Personal information
- Full name: Vadim Tatarov
- National team: Moldova
- Born: 3 May 1971 (age 55) Chişinău, Moldavian SSR
- Height: 1.79 m (5 ft 10 in)
- Weight: 72 kg (159 lb)

Sport
- Sport: Swimming
- Strokes: Breaststroke
- Club: Moldova Swimming Team

= Vadim Tatarov =

Moldovan swimmer

Vadim Tatarov (born May 3, 1971) is a Moldovan former swimmer, who specialized in breaststroke events. He is a two-time Olympian (1996 and 2000), and a former Moldovan record holder in both 100 and 200 m breaststroke.

Tatarov made his Olympic debut, as a 25-year-old, at the 1996 Summer Olympics in Atlanta. He failed to reach the top 16 final in any of his individual events, finishing thirtieth in the 100 m breaststroke (1:04.87), and twenty-eighth in the 200 m breaststroke (2:21.34).

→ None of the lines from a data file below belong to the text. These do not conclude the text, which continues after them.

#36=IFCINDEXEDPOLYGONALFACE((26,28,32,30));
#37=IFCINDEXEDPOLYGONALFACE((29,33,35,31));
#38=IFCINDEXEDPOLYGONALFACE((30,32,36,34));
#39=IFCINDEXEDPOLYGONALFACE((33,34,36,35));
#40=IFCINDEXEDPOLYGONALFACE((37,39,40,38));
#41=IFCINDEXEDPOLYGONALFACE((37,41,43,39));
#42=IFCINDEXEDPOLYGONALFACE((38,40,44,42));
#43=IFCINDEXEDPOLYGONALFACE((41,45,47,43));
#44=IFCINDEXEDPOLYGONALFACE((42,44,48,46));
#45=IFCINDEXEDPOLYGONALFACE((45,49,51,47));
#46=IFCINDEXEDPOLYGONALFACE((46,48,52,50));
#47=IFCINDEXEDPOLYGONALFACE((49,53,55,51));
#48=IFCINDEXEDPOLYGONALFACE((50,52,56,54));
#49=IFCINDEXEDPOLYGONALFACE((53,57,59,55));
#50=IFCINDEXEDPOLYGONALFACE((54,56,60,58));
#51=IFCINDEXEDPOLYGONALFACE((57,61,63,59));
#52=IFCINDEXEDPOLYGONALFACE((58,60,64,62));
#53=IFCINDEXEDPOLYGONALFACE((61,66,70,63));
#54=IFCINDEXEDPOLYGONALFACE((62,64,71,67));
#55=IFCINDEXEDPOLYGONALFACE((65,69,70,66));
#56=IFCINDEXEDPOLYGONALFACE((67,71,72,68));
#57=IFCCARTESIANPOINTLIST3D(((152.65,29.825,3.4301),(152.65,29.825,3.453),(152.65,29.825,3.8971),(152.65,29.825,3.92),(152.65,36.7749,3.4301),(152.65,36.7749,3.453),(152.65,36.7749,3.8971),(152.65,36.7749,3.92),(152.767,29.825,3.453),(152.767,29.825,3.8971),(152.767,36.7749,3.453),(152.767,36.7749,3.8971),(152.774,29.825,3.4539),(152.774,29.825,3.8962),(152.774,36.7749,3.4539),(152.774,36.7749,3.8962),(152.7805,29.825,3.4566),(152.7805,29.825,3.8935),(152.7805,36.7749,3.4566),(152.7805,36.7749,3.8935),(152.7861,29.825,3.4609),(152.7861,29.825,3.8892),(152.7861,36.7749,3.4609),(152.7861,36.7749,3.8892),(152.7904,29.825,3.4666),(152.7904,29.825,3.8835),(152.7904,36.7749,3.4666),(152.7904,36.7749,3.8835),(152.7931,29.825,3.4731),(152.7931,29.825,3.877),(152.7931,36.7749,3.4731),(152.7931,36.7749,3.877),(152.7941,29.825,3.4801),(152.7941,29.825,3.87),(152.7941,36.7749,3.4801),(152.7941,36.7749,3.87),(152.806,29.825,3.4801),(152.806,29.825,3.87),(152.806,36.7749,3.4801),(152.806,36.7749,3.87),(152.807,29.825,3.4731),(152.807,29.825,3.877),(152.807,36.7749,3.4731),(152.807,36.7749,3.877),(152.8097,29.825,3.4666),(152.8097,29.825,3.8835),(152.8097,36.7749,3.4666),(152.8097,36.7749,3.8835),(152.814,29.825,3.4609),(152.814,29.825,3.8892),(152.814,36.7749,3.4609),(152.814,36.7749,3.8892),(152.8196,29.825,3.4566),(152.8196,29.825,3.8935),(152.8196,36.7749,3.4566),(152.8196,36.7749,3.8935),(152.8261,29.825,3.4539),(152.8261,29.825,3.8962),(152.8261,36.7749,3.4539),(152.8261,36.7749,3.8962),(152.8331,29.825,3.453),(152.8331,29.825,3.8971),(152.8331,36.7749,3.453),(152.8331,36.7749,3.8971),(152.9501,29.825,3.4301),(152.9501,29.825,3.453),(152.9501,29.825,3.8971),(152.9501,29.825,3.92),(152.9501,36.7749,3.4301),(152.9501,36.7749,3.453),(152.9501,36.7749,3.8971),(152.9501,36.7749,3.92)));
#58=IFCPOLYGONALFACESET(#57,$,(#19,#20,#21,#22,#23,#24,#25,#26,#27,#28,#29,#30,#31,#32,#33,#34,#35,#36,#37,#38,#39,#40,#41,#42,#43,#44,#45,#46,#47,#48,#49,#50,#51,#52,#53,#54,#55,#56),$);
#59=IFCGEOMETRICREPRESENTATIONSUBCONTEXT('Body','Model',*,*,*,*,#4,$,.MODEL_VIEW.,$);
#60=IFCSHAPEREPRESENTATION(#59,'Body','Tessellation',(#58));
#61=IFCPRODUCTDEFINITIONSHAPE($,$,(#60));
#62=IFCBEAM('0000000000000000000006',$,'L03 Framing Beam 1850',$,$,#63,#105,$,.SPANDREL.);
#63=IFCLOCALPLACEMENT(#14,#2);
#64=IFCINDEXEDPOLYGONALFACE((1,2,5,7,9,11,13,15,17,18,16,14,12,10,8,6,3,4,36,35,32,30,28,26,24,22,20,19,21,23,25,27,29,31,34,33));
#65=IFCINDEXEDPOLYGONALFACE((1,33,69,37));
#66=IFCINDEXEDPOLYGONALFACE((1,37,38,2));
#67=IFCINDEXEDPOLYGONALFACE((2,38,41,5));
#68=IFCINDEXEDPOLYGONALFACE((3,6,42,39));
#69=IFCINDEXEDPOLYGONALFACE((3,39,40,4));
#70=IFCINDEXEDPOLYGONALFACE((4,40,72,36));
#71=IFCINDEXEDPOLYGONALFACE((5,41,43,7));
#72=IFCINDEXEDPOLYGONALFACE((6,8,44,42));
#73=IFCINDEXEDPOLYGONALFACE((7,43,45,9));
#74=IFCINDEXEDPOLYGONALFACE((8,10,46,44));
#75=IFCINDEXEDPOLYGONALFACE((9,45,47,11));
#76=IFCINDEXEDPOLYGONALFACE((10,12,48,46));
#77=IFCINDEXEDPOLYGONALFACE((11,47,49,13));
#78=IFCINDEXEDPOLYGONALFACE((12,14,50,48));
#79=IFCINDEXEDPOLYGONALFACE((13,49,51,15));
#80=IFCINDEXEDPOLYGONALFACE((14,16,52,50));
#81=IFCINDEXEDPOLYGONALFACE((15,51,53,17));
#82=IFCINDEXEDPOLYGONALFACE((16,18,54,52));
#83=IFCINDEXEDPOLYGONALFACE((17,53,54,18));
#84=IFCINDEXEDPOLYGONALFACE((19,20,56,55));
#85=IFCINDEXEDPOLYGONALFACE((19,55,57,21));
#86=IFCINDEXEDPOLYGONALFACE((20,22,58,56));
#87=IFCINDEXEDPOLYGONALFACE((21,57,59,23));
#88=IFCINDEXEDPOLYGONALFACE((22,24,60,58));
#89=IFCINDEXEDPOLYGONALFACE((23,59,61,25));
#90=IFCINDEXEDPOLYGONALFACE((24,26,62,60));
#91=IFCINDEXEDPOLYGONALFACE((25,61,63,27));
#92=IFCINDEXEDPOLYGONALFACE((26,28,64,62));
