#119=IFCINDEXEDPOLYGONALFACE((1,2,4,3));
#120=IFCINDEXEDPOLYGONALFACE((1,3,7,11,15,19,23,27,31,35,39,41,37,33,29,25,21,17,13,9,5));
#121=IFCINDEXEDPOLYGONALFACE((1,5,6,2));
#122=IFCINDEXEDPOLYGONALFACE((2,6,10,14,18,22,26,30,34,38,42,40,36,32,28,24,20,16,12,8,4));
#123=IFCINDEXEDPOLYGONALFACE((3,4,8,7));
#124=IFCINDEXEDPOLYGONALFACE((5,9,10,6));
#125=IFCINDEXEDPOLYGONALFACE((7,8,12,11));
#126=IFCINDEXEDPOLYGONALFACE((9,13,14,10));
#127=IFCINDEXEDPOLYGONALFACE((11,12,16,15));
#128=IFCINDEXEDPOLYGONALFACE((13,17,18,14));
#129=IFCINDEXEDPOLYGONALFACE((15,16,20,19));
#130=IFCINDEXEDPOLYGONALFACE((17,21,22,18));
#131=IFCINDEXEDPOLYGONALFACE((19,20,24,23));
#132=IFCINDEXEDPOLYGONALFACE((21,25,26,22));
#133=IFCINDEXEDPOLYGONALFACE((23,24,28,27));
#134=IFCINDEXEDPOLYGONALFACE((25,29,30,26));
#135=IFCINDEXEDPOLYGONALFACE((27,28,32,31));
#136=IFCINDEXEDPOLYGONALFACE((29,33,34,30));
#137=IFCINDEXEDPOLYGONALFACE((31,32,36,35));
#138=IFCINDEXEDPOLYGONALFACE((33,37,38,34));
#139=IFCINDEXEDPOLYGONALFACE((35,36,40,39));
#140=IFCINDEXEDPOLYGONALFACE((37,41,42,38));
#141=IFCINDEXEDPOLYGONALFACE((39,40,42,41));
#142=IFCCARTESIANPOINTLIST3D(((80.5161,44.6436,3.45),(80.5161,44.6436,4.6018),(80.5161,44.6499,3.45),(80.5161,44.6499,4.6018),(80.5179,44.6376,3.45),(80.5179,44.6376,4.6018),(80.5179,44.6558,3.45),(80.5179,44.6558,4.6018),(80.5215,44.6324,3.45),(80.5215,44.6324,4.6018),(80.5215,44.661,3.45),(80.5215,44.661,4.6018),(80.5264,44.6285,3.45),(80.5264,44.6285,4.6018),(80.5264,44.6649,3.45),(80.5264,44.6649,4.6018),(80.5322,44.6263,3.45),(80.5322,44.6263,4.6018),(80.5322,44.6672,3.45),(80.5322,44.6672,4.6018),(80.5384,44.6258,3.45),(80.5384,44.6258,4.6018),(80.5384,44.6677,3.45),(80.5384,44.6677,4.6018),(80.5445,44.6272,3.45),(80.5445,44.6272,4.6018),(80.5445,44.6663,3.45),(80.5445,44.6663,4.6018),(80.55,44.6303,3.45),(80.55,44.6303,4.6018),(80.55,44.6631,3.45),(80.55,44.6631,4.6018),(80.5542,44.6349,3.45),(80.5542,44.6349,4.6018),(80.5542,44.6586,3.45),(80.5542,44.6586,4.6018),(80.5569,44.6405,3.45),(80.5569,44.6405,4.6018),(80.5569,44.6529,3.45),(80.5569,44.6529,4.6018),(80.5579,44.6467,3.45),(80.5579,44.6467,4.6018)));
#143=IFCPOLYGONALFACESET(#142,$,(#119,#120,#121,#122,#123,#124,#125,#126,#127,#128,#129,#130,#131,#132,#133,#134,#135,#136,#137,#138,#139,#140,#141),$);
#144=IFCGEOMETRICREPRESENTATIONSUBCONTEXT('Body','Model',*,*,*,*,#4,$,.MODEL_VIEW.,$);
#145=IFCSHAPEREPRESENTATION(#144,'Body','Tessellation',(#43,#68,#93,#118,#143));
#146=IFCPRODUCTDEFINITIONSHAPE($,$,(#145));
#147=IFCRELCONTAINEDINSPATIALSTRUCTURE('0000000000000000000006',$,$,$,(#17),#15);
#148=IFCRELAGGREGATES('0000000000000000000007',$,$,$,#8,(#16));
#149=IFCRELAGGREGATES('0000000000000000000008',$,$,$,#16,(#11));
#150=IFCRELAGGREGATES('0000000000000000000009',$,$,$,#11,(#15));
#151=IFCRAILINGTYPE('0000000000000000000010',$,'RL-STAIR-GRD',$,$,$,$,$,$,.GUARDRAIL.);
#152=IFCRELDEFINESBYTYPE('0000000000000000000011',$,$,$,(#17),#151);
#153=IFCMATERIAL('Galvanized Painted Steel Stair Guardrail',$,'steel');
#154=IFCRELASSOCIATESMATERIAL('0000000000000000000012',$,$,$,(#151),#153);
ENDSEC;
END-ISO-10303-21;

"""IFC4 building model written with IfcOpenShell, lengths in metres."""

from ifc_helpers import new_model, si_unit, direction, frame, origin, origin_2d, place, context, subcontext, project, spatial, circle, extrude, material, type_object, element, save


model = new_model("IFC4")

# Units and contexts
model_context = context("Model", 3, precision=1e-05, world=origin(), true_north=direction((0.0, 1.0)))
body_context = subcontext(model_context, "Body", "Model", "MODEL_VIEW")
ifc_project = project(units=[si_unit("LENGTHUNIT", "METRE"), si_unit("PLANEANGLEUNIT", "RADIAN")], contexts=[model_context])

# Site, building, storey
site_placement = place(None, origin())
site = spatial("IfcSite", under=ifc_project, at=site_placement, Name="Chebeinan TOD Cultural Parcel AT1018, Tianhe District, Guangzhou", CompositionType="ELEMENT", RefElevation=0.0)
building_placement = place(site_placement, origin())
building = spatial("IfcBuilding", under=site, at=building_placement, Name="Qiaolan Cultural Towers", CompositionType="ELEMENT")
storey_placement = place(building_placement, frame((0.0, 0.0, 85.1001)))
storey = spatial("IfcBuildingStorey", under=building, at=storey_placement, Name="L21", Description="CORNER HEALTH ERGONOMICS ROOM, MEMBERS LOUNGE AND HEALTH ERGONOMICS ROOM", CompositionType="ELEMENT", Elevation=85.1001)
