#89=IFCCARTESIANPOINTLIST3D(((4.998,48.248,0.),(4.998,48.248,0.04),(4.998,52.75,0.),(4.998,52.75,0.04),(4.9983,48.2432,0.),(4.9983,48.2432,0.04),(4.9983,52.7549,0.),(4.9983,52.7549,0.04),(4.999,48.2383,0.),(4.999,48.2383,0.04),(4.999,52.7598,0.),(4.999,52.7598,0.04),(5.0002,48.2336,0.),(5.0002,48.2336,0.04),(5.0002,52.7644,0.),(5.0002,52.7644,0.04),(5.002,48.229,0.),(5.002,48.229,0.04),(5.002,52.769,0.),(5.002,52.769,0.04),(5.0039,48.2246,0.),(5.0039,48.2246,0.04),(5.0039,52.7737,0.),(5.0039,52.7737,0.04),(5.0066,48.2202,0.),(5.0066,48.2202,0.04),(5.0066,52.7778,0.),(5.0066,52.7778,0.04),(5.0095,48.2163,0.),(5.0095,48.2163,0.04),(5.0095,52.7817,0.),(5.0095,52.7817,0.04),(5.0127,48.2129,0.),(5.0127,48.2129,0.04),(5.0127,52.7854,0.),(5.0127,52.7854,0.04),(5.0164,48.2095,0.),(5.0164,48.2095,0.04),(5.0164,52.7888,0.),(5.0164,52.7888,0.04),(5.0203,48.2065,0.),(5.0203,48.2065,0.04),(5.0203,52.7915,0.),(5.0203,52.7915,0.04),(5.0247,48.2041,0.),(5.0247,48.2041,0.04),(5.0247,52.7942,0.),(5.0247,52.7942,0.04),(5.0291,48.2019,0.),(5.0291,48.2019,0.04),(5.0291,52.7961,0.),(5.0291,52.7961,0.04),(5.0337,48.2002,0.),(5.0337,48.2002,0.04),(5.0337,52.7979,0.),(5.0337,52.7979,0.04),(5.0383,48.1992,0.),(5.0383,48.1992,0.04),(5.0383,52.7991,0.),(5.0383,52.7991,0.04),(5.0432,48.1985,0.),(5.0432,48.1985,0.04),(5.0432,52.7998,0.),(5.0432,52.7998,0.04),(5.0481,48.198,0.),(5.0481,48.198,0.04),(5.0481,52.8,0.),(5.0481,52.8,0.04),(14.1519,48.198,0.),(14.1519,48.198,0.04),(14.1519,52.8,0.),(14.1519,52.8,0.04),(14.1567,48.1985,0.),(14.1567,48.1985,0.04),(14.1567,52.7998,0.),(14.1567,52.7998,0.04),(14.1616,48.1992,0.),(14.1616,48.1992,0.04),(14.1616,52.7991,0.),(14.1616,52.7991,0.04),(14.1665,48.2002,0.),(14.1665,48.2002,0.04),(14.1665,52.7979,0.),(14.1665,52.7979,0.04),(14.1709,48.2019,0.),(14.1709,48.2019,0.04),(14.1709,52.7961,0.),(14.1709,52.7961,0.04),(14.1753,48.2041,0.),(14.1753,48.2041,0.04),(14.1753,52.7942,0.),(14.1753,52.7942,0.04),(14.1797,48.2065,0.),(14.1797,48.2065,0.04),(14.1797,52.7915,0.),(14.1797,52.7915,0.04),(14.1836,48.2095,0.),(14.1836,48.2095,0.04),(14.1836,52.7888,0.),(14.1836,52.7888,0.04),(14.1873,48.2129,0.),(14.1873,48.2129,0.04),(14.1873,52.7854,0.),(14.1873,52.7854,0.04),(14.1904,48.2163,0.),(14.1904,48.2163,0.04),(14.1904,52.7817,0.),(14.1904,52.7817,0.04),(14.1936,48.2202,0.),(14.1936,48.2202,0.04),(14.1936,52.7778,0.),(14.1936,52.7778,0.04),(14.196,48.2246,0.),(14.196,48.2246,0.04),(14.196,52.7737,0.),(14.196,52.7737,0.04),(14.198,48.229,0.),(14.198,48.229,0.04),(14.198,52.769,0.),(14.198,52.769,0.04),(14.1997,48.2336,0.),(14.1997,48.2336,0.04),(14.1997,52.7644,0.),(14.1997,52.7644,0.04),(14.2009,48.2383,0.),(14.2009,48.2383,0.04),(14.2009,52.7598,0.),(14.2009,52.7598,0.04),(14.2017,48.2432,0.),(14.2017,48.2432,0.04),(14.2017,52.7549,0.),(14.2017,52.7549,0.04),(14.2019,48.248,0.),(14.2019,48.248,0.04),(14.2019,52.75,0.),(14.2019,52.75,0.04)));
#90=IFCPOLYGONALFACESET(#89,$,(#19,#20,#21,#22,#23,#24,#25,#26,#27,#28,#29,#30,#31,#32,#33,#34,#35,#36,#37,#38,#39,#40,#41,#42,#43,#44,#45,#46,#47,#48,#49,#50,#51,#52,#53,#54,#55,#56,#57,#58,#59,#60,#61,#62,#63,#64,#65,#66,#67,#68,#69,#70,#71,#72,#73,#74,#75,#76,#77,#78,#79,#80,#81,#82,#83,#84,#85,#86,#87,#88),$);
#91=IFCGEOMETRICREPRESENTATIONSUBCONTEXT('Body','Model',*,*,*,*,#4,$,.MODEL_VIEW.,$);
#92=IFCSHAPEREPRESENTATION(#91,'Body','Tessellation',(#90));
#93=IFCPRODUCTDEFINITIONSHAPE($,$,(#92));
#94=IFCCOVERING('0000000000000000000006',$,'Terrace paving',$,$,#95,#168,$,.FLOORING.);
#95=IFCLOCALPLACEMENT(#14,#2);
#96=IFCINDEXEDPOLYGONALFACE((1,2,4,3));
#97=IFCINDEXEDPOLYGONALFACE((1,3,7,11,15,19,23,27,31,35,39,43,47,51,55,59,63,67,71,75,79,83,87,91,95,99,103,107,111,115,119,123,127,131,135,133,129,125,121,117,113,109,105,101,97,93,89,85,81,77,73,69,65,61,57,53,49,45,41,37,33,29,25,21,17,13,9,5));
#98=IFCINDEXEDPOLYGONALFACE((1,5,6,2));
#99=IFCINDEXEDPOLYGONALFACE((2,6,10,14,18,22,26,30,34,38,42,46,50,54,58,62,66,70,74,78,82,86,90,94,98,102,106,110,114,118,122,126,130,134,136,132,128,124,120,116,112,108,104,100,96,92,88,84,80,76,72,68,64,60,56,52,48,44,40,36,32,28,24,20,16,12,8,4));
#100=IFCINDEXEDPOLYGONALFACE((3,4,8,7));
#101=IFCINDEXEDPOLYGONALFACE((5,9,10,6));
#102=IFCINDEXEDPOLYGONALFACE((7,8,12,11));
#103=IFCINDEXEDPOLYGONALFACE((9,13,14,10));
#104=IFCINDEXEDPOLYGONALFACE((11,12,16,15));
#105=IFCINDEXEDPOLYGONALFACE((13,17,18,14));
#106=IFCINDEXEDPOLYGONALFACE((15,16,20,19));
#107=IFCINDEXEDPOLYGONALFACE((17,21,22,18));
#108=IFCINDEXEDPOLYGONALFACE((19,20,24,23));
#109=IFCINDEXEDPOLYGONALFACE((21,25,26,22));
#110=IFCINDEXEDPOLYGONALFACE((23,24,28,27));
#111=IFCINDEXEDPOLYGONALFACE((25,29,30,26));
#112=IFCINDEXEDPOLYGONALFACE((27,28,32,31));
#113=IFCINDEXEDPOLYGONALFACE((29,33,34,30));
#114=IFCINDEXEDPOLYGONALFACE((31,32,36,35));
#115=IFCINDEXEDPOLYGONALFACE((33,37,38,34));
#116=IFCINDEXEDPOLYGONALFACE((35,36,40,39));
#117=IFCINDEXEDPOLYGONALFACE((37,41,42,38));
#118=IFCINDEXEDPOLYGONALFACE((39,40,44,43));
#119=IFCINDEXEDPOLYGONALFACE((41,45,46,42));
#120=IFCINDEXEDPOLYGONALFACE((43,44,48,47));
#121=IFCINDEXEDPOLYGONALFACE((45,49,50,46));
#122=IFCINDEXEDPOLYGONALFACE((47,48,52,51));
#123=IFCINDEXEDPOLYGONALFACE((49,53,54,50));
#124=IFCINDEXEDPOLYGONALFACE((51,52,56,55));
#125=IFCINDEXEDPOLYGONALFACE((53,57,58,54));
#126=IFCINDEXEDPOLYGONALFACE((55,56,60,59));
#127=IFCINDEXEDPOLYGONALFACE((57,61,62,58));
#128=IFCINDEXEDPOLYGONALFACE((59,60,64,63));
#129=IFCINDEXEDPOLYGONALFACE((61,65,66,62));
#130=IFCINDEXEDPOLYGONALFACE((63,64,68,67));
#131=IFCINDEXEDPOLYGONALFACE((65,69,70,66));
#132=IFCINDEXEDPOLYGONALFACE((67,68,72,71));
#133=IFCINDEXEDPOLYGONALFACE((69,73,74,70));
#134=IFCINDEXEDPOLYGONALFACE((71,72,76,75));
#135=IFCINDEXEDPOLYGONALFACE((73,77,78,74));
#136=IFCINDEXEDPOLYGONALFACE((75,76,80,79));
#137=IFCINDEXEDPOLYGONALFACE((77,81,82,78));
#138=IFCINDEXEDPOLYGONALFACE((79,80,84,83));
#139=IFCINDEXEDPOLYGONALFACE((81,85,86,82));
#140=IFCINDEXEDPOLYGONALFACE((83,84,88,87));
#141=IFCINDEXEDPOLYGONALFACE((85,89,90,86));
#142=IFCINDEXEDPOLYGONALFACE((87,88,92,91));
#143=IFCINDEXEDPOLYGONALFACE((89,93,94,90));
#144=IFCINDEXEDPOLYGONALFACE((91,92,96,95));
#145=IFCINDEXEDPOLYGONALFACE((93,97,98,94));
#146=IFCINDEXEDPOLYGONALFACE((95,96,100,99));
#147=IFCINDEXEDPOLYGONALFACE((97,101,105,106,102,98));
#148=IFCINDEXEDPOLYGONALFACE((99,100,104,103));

At the 2000 Summer Olympics in Sydney, Tatarov swam only in the 100 m breaststroke. He achieved a FINA B-standard entry time of 1:05.53 from the Russian Open Championships in Saint Petersburg. He established a Moldovan record of 1:04.12 to power past the entire field with an unexpected triumph in heat three, coming from an outside lane. Tatarov's first-place effort was not enough to put him through to the semifinals, as he placed thirty-sixth overall in the prelims.